Opinión

Charles, Carlos, Carlo... menudo sábado-sabadete

Dicen que la felicidad te llega cuando sabes conformarte con no ser el niño en el bautizo, el novio en la boda y el muerto en el entierro. Cuando te convences de que no eres necesariamente el 'prota' en todos los acontecimientos, de que eres un simple espectador de lo que otros, los héroes de las multitudes, hacen. Y este sábado fue un buen momento para reflexionar hasta qué punto somos carne de televisor, huéspedes de sofá y esclavos de la cerveza y las palomitas. Fue, sin pretensiones de pasar por crítico televisivo, una gran jornada de espectáculos difícilmente repetibles, en los que uno de tres Carlos en juego podía helarte el corazón... o acelerártelo.

Le confieso a usted, en primer lugar, que no soy muy de ceremonias de cuentos de Andersen, con testas soportando coronas con no sé cuántos miles de diamantes, carrozas tiradas por briosos corceles, capas de armiño y todas esas cosas, pero entiendo que la coronación de alguien como Charles III, casi 74 años, tan polémico, es de esos acontecimientos que te hacen reflexionar sobre la continuidad o el ocaso de una forma de concebir el mundo. Un mundo al que los simples mortales, que intuimos que las procesiones se mueven, en realidad, por dentro, somos tan ajenos. Pero eran fastos que había que ver, y allí me planté para confirmar lo que se anticipaba como un espectáculo sin sorpresas, sabiendo que acaso un millar de millones de gentes de todo el mundo estaba, en aquellos momentos, haciendo lo mismo que yo: mirones que saben que nunca estarán al otro lado. Y cuyo papel pasa apenas por hacerse preguntas de futuro. Por ejemplo, ¿cuál es el futuro de Charles?

Y de la mañana de las carrozas reales, a la tarde de otro Carlos, un tenista que acaba de cumplir veinte años y que no tiene dudas sobre su futuro. A todo el mundo le cae bien un chaval que lo gana todo con la seguridad de que su única misión en esta vida es vencer en lo suyo, y no hacer titulares con frases sesudas. No sé si a Charles le veremos mucho en los próximos tiempos –el de este sábado fue su cuarto de hora de máximo protagonismo, solo repetible en sus exequias, quizá–. Pero sí tengo la certeza de que quienes amamos el tenis seguiremos sorprendiéndonos largo tiempo ante la magia de 'Carlitos' Alcaraz en las canchas.

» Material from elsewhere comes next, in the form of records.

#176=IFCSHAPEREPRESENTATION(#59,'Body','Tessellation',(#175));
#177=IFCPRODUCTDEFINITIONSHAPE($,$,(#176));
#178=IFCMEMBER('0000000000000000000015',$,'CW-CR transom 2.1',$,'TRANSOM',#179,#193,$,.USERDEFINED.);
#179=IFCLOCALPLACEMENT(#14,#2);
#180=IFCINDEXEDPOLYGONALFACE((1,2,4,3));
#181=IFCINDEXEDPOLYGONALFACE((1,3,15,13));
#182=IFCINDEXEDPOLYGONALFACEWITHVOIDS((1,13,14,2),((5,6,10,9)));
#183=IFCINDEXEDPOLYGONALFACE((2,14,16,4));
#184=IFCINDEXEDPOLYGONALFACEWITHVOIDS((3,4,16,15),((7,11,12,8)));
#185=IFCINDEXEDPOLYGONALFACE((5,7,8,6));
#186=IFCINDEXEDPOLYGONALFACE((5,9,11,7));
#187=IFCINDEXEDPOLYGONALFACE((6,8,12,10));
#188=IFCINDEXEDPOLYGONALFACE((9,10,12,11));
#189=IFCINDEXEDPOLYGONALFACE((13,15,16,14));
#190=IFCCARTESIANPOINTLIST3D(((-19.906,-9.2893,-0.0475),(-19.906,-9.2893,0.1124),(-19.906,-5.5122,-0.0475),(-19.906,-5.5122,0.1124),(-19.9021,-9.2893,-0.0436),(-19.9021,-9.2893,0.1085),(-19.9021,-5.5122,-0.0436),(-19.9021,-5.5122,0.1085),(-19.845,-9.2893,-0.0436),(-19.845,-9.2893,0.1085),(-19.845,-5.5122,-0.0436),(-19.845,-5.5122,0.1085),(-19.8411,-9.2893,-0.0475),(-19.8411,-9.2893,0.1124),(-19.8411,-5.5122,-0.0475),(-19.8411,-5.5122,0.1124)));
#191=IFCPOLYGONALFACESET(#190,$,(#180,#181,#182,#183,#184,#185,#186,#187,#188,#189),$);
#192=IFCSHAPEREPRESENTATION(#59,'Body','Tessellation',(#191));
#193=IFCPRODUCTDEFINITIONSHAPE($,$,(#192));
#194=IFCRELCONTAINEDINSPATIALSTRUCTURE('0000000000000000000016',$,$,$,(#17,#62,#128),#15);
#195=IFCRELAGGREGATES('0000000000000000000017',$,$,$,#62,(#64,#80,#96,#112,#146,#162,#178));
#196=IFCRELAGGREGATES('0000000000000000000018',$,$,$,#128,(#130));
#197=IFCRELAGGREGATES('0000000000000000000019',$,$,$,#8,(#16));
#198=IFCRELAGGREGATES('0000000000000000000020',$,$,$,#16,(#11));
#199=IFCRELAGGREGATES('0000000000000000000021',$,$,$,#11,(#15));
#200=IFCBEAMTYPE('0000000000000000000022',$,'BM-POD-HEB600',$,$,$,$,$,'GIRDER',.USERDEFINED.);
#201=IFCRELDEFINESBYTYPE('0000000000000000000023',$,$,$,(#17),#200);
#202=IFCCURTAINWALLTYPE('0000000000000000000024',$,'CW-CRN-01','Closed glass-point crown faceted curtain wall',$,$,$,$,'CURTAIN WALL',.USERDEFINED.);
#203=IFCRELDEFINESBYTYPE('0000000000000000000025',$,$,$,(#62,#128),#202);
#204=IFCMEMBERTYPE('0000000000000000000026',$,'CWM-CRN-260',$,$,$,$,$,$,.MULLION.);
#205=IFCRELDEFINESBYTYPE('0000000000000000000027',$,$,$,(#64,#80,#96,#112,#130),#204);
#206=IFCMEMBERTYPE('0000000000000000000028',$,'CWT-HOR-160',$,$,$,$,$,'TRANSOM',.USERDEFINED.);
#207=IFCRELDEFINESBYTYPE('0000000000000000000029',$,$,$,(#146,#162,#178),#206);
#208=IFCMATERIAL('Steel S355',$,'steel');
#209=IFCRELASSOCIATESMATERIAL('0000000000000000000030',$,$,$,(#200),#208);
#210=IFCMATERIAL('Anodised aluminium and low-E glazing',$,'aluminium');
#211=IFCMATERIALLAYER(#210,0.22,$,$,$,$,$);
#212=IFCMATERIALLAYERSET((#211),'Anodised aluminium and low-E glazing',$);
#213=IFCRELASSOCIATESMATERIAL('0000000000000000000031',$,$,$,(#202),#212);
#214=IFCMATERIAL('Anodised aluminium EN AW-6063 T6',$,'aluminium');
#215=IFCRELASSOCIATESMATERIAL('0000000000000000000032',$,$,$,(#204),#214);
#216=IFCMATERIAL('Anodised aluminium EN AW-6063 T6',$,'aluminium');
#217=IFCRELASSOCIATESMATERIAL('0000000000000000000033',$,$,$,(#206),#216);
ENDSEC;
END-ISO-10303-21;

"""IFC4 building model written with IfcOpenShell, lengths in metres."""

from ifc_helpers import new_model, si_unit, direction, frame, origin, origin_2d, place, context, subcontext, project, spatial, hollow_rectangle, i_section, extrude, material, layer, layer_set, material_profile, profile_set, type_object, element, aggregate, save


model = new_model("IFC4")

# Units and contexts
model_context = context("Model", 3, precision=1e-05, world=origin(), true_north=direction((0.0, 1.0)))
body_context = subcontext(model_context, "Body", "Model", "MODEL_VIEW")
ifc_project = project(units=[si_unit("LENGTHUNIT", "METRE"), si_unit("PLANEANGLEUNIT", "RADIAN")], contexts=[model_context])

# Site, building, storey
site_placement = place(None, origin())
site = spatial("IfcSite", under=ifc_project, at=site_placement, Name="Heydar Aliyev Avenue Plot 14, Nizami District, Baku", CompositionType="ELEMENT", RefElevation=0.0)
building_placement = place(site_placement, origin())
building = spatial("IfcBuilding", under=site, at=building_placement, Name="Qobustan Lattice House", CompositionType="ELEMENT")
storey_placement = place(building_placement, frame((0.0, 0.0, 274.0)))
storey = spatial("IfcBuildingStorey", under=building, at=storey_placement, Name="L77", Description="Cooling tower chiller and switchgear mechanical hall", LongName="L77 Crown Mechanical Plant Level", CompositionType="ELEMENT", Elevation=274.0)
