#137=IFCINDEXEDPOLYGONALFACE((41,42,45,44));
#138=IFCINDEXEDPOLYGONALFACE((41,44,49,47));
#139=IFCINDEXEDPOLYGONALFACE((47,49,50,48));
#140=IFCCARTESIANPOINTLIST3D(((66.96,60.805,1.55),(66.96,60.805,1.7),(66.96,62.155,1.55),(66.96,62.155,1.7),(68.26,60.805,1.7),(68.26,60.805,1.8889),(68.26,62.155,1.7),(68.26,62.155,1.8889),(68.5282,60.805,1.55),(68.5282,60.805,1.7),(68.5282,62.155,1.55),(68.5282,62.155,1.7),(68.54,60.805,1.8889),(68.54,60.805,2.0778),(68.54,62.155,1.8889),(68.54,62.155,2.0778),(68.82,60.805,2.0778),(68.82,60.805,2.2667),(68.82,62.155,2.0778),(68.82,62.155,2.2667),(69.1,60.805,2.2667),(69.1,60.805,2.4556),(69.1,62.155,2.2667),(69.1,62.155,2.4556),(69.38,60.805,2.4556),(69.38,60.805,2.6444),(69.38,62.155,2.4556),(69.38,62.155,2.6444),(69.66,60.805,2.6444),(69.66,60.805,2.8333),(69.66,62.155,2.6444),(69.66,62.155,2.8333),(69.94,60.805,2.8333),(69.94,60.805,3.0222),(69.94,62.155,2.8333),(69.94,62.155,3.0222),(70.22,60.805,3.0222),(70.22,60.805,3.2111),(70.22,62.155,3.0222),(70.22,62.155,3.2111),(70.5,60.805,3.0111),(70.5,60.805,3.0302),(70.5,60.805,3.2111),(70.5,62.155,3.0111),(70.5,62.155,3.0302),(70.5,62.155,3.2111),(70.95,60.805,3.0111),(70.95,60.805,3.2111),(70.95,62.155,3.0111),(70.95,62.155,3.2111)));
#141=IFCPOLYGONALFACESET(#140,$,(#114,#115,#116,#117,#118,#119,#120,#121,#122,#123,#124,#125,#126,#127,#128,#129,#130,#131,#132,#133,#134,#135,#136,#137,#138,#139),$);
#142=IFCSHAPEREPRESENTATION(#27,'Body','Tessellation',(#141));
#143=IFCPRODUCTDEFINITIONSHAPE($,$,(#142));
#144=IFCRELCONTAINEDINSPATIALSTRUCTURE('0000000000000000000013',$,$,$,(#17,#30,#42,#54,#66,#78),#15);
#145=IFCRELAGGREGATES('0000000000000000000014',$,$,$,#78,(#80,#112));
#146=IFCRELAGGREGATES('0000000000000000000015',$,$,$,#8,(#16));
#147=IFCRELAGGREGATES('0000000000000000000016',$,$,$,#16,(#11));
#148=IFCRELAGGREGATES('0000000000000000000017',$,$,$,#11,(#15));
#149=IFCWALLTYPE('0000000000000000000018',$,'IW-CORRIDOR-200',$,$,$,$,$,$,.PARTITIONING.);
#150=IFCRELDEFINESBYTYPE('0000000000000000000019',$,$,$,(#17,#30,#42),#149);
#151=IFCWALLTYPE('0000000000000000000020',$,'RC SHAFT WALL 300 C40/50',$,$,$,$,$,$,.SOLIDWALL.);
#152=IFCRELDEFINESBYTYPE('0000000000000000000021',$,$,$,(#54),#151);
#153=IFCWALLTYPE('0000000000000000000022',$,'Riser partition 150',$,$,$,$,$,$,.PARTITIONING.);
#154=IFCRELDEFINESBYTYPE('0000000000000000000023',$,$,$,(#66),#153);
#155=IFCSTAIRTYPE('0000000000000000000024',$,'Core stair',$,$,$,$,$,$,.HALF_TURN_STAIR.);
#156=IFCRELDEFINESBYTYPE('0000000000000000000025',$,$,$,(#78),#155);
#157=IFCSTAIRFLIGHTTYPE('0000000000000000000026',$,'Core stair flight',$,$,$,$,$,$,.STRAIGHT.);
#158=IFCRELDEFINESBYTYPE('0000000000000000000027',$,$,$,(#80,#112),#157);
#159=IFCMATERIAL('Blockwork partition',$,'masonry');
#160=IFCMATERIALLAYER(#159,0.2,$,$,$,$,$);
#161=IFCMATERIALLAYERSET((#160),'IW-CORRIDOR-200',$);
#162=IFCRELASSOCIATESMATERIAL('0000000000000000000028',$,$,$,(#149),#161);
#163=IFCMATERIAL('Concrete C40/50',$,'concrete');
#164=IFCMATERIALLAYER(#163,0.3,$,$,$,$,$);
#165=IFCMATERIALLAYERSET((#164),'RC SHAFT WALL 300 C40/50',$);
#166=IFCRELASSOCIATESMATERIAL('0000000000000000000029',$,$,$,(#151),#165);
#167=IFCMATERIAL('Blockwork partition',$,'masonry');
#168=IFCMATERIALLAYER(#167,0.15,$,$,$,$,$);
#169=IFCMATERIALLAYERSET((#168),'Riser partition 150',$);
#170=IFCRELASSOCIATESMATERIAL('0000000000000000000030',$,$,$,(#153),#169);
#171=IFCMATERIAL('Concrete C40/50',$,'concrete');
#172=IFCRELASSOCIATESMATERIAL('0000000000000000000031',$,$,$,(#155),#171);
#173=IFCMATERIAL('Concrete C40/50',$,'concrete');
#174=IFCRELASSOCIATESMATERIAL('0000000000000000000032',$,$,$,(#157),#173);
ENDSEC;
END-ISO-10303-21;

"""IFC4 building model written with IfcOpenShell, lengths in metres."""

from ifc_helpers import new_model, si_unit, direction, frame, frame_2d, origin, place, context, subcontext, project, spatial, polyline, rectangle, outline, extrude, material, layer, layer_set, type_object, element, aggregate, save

Y, claro, de ahí, ya en la noche, a la gesta de otro Carlo, Ancelotti, el 'míster' de un equipo mítico que, a veces, deja de serlo (mítico, no míster). Tuvo que moverse mucho Felipe VI para ir del Londres de Charles a la Sevilla donde 'reinaba', es un decir, Carlo, cuyo equipo jugaba la final de una Copa, la del Rey, cuya presencia en el campo sevillano frente al Osasuna estaba obligada, por mucho fasto británico al que también hubiera de asistir. De los palacios a las gradas. Y, para un periodista-mirón, preso de la actualidad, que un equipo simpático y hasta ahora relativamente modesto, como el Osasuna, estuviese allí, compitiendo con el 'grande de los grandes' (bueno, insisto, a veces) por ganar la Copa que lleve el nombre de un jefe del Estado cuyos colores no son, dicen, ni los de un equipo ni el otro, resultaba un final de jornada emocionante. Y también fue ocasión, por cierto, para preguntarse por el futuro de Carlo, casi 64, que dice tenerlo asegurado porque tiene contrato hasta 2024 (y eso, ¿es el futuro?).

Así que entre Carlitos, Carlos y Charles anduvo el juego, el de tronos y los deportivos, en una jornada en la que, ya digo, muchos, muchos, nos hermanamos en el anonimato que implica ser un mero, simple, espectador, cuya grandeza consiste apenas en saber que, sin nosotros, los 'protas' se quedarían sin espectáculo que acaparar, e incluyo, entre los de menor género, los mítines electorales. Y menos mal, oiga, que este sábado no retransmitían el último capítulo de 'Sálvame', porque el histórico día hubiese necesitado más de 24 horas para albergar tanta expectación ante esa tirana que, pese a todo, sigue siendo la pequeña pantalla.